The third major point in the appeal argument was the prosecutorial
misconduct riddling the entire six-month long trial. One example given
by Weinglass occurred during the closing arguments. Prosecutors
charged, not once but three times, that the Five aimed to “destroy the
United States.” This statement was totally untrue and certainly
unproven, but was used to enflame the Miami jury and unjustly convict
the Cuban Five.

U.S. government attorney Caroline Heck Miller exposed a small sample of
how venomous the prosecution of the Cuban Five could get when, arguing
before the appeals court on Aug. 20, she again falsely claimed the Five
were “well-trained spies” intending to steal U.S. military
intelligence. She accused the 11th Circuit Court of reading only the
defense arguments. 

[The US government attorney sounds not to venomous as much as defensive
and desperate, actually, if the one paragraph above is any indication of
the tone of the proceedings. -NY Transfer]

[...]

Observers included Dagoberto Rodrí­guez, chief of the Cuban Interests
Section in Washington, D.C.; Roberto Gonzá­lez, Cuban attorney and
brother of René González; Ramsey Clark; Cynthia McKinney; Judge Juan
Guzmán from Chile, who directed the prosecution of Augusto Pinochet;
Dr.

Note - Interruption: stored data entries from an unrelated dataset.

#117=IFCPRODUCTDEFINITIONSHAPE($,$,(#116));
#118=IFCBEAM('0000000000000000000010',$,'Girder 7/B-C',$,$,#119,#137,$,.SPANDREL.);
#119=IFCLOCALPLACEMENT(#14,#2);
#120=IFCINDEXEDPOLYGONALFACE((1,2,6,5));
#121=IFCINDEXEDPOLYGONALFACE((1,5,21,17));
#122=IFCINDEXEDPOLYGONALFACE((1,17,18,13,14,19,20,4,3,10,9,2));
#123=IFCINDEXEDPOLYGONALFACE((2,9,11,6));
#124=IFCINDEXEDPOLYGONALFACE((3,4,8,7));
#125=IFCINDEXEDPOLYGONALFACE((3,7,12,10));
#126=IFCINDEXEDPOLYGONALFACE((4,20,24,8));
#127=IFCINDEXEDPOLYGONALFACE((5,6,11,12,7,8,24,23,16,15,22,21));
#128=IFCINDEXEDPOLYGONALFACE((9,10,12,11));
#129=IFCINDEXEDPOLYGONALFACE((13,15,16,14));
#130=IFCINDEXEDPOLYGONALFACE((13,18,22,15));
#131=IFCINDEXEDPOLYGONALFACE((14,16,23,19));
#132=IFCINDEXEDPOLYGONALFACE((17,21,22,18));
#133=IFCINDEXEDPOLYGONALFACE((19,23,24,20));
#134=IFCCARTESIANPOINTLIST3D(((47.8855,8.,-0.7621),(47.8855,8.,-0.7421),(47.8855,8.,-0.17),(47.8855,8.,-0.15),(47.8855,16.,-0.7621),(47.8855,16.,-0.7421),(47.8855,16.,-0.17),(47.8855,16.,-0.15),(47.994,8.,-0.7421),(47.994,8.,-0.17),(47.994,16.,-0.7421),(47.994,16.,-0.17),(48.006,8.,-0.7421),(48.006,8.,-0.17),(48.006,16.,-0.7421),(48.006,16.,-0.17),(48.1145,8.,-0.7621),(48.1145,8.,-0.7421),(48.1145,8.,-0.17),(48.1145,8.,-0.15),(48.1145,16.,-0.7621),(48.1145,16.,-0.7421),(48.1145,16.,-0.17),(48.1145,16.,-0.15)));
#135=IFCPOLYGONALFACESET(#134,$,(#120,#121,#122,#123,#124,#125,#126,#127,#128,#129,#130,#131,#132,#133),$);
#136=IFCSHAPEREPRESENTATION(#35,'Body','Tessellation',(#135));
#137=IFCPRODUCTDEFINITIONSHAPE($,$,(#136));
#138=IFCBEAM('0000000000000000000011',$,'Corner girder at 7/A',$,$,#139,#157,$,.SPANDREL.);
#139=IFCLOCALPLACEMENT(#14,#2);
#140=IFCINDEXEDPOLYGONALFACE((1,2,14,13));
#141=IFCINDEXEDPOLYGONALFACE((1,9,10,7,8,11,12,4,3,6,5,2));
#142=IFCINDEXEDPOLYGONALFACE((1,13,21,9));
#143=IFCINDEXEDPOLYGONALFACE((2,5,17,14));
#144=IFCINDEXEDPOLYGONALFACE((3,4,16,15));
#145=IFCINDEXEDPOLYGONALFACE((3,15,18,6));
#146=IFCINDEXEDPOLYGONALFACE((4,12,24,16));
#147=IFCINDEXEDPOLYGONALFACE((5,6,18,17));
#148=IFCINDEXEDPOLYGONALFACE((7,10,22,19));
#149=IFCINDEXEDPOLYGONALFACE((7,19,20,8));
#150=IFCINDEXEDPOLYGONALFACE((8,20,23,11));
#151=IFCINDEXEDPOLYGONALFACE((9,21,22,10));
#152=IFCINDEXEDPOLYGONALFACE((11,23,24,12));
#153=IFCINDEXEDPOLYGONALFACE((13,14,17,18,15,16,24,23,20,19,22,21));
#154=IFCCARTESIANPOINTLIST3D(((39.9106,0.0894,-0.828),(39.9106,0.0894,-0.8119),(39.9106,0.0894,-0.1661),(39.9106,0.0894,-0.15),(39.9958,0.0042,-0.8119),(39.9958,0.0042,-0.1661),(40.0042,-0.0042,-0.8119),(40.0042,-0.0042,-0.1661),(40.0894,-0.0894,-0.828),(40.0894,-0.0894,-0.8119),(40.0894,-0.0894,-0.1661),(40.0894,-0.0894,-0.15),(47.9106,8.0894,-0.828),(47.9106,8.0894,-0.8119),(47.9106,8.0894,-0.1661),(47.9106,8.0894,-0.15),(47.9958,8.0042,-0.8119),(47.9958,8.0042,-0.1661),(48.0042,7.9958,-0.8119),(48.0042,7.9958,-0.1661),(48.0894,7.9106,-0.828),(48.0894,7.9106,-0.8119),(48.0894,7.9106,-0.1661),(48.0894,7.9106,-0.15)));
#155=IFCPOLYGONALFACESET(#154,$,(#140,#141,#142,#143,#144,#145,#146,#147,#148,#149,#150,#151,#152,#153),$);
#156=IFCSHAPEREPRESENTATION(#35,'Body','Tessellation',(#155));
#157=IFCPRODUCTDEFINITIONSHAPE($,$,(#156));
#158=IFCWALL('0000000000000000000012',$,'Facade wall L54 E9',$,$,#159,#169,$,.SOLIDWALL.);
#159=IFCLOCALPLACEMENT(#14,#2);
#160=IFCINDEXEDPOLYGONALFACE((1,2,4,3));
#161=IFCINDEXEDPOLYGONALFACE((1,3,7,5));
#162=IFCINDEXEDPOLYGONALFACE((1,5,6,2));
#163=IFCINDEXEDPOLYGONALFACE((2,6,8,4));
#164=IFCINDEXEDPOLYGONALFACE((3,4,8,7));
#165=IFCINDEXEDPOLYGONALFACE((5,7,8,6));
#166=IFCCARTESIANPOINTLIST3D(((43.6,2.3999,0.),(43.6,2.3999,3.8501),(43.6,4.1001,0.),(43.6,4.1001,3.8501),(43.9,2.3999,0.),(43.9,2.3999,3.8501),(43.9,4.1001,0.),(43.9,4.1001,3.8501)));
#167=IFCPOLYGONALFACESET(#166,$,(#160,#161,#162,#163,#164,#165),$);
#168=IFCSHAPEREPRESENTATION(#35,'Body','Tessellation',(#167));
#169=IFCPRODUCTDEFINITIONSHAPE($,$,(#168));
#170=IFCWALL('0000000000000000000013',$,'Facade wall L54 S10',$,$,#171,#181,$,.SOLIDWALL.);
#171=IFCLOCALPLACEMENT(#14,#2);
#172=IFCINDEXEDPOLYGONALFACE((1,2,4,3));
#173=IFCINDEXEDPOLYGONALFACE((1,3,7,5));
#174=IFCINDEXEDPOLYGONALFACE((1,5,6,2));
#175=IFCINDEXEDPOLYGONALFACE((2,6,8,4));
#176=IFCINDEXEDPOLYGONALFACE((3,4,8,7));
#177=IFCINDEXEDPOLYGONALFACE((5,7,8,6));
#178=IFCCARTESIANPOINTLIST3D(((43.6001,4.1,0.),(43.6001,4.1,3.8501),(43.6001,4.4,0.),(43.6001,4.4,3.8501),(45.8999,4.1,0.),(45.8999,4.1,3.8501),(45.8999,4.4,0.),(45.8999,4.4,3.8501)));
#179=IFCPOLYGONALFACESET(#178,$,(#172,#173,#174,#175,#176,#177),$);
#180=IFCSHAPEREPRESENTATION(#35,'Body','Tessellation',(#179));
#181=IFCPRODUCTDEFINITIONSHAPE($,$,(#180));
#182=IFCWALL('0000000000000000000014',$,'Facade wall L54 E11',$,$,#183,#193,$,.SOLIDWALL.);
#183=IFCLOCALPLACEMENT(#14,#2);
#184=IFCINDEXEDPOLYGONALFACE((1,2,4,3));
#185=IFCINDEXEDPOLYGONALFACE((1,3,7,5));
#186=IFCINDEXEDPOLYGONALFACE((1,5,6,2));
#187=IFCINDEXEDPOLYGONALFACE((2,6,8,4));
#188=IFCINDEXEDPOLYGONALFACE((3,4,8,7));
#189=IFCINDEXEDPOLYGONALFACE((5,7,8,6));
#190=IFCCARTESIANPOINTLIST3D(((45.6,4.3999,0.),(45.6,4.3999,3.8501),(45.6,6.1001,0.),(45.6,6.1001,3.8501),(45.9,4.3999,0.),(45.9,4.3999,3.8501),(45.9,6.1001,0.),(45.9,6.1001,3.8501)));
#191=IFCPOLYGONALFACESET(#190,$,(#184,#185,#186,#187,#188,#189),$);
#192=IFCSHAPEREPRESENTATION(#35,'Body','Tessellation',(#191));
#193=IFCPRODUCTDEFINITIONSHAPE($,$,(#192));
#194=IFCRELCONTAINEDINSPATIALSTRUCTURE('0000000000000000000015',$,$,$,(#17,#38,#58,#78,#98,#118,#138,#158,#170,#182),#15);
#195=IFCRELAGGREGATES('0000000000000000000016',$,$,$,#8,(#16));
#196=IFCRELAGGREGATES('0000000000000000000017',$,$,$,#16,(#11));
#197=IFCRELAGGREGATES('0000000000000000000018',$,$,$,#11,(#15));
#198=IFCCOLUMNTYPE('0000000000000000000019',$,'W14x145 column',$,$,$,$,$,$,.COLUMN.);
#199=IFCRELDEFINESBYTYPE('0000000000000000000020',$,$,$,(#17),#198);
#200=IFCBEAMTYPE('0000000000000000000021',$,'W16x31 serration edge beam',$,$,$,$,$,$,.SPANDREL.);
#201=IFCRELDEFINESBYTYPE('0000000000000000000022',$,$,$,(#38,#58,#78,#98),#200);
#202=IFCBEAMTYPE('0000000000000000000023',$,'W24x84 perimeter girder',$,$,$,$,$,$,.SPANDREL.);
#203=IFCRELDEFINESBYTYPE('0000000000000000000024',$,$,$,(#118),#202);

Norman Paech MdB, expert in international law, Germany; Heidi
Boghosian; Father Geoffrey Bottoms, coordinator, British Campaign to
Free the Miami Five; Vanessa Ramos, president, American Association of
Jurists USA; José Pertierra, attorney for Venezuela in the extradition
case of Posada Carriles; Andrés Gómez, Antonio Maceo Brigade and
representative of a coalition of six Cuban organizations from Miami;
Alicia Jrapko, International Committee to Free the Five-U.S.; Sobukwe
Shakura, co-chair, National Network on Cuba; and many more.